Je ne dis point ceci pour vous faire ma cour :
Vos gens, à pénétrer, l’emportent sur les autres.


Newton put, vers la fin du siècle, poser les bases du système du monde sans qu’ici on s’en doutât. Aussi, sous Louis XIV, la France n’eut-elle qu’un rôle secondaire dans les sciences mathématiques et astronomiques, qui furent alors les sciences prépondérantes, et Condorcet a dit avec toute raison dans l’éloge académique du comte d’Arci : « En 1740, la France commençait à reprendre dans les sciences mathématiques le rang qu’elle avait perdu après la mort de Descartes et de Pascal, et qu’elle a su conserver depuis. » Les manifestations littéraires sont de l’histoire, procèdent comme l’histoire, et proviennent toujours d’un passé qu’elles modifient; le drame français, ne pouvant avoir pour passé ni le moyen âge, ni Shakspeare et le drame romantique, recula jusqu’au drame classique, le reprit à son compte et le modifia.
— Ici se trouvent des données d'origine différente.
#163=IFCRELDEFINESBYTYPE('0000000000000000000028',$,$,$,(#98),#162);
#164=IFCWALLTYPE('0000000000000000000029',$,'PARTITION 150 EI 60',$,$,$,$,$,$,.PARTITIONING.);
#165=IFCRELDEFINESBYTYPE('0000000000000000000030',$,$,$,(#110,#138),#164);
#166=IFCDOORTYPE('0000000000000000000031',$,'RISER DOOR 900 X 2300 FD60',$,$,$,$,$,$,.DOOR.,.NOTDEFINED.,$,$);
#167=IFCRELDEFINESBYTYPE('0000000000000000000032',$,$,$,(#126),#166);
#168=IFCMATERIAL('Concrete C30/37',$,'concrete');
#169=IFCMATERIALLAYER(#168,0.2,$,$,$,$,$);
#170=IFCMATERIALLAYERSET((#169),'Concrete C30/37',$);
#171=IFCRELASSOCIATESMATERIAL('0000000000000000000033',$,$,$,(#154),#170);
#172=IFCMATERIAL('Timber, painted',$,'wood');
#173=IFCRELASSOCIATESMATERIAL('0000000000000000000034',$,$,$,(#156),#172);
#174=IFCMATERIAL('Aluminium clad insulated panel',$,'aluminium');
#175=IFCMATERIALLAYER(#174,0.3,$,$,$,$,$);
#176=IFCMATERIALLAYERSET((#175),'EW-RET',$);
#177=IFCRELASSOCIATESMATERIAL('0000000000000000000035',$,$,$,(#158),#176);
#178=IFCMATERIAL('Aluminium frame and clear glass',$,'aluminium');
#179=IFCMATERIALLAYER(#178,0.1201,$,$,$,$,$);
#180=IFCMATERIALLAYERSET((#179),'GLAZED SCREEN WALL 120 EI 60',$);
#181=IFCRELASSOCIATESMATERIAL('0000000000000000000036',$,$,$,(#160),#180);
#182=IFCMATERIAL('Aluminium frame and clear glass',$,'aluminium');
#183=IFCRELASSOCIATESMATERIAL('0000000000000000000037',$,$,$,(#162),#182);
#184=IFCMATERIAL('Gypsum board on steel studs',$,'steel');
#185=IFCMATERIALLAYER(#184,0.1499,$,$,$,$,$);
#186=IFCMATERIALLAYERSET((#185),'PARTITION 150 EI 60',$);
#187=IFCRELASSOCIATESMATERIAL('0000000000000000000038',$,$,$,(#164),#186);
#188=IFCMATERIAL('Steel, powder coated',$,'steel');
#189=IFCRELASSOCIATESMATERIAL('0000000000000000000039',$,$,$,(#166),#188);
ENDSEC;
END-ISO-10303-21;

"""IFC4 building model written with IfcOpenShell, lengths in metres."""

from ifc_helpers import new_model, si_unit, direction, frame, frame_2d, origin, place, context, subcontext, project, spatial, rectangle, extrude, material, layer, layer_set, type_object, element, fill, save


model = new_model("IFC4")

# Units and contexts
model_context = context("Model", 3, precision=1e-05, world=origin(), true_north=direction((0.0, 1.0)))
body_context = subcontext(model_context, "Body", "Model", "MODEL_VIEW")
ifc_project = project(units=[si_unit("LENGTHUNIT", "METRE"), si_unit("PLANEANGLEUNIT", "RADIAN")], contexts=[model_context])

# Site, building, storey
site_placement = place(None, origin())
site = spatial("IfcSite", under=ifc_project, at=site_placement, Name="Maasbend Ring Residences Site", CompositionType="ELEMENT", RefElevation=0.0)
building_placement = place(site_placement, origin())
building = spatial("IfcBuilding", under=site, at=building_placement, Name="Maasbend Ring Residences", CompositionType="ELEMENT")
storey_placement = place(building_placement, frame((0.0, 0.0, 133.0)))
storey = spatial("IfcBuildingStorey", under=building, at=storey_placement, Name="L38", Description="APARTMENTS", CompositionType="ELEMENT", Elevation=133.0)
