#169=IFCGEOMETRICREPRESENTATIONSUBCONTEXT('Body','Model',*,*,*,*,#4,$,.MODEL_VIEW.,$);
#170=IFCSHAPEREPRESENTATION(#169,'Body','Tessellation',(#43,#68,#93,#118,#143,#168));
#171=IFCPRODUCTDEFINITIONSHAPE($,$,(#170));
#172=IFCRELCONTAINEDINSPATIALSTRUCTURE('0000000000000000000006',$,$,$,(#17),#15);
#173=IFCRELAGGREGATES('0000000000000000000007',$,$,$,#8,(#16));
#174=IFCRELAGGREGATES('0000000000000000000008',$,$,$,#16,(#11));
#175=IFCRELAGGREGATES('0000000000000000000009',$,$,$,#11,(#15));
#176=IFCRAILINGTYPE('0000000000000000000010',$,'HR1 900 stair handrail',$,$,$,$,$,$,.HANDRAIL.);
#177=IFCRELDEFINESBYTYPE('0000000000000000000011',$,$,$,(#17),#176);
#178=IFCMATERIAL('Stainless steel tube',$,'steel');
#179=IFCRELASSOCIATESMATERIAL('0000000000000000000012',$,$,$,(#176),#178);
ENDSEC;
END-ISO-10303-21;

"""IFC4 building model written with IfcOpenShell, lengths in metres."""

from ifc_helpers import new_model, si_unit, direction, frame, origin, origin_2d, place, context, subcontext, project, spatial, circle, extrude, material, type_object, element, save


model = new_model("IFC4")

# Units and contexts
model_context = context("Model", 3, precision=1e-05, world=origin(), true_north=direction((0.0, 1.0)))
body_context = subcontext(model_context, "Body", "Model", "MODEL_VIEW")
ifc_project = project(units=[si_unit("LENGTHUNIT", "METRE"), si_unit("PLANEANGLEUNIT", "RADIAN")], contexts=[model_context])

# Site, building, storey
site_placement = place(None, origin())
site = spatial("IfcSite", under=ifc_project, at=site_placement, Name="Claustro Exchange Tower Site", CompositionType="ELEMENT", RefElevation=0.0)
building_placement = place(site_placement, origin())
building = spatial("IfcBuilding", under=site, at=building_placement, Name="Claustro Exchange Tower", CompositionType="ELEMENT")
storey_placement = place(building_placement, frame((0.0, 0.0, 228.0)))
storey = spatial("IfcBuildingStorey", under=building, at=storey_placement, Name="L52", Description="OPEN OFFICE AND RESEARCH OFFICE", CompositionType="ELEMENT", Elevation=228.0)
Un moment Corneille se laissa captiver par la pompe espagnole ; mais Racine rompit soigneusement toute alliance avec ces nouveautés. Ces deux admirables esprits remanièrent le drame grec pour le conformer à la société polie où ils étaient plongés, au goût des dames qui y donnaient le ton, à la splendeur absorbante de la royauté, à la cour de Louis XIV. Que de noblesse, de passion contenue et d’infinie délicatesse dans ces femmes de Racine, Junie, Andromaque, Iphigénie, Monime! Et qui a jamais tracé plus grandement l’idéal de Rome, reine du monde, que Corneille dans Horace et dans Cinna? Mais tandis qu’on leur accorde toute la hauteur du génie, il faut reconnaître à leur genre une infériorité historique et poétique. Si le passé le prouve par la façon dont les deux genres furent produits, l’avenir l’a prouvé aussi par la façon dont il les a traités. Quand en France le drame classique fut épuisé, c’est au drame romantique qu’il fallut demander un renouvellement de la scène.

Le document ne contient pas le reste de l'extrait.